Imatinib is a first-line treatment for unresectable and/or metastatic GIST.4,5 Sunitinib provides a treatment option in patients who have failed or are intolerant of imatinib. For metastatic RCC, adjunct therapy with conventional chemotherapy, interferon alfa, or interleukin-2 has not been effective.3,6 Sunitinib provides an agent with a measurable response rate. It joins sorafenib as recent approvals for advanced RCC. There are approximately 32,000 new cases of advanced renal cancer and 5,000 cases of GIST annually.7
1. Sutent Product Information. Pfizer Laboratories. January 2006.
2. Faivre S, et al. Safety, pharmacokinetic, and antitumor activity of SU11248, a novel oral multitarget tyrosine kinase inhibitor, in patients with cancer. J Clin Oncol. 2006;24:25-35.
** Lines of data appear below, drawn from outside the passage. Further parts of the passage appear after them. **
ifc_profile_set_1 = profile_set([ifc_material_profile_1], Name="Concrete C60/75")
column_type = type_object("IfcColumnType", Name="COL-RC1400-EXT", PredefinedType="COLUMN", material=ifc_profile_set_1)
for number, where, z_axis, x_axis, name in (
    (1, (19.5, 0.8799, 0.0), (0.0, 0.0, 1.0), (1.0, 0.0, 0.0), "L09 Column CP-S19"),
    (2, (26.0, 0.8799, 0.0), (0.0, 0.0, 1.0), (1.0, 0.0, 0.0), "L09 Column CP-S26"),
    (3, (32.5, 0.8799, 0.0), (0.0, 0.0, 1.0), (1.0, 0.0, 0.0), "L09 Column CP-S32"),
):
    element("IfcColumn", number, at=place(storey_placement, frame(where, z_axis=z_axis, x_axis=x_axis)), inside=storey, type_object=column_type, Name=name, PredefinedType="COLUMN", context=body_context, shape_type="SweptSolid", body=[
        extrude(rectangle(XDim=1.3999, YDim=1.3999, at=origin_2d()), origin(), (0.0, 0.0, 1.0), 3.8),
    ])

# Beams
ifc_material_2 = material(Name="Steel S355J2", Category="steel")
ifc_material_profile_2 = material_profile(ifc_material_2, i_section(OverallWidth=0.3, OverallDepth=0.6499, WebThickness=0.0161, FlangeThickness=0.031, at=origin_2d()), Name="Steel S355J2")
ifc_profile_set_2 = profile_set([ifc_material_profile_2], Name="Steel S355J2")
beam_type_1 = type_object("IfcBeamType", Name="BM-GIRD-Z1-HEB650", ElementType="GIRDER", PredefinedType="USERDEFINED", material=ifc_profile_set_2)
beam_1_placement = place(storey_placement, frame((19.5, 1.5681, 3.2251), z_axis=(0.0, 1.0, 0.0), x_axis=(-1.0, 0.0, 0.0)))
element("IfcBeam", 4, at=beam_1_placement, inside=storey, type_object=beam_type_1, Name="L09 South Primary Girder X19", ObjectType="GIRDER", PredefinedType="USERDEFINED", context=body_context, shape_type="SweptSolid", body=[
3. Motzer RJ et al. Activity of SU11248, a multitargeted inhibitor of vascular endothelial growth factor receptor and platelet-derived growth factor receptor, in patients with metastatic renal cell carcinoma. J Clin Oncol. 2006;24:16-24.
4. van der Zwan SM, DeMatteo RP. Gastrointestinal stromal tumor: 5 years later. Cancer. 2005;104: 1781-1788.
5. Sanborn RE, Blanke CD. Gastrointestinal stromal tumors and the evolution of targeted therapy. Clin Adv Hematol Oncol. 2005;3:647-657.
6. Cohen HT, McGovern FJ. Renal-cell carcinoma. N Engl J Med. 2005:353:2477-2490.
7. FDA News: www.fda.gov/bbs/topics/news/2006/NEW01302.html. Accessed 2/18/06.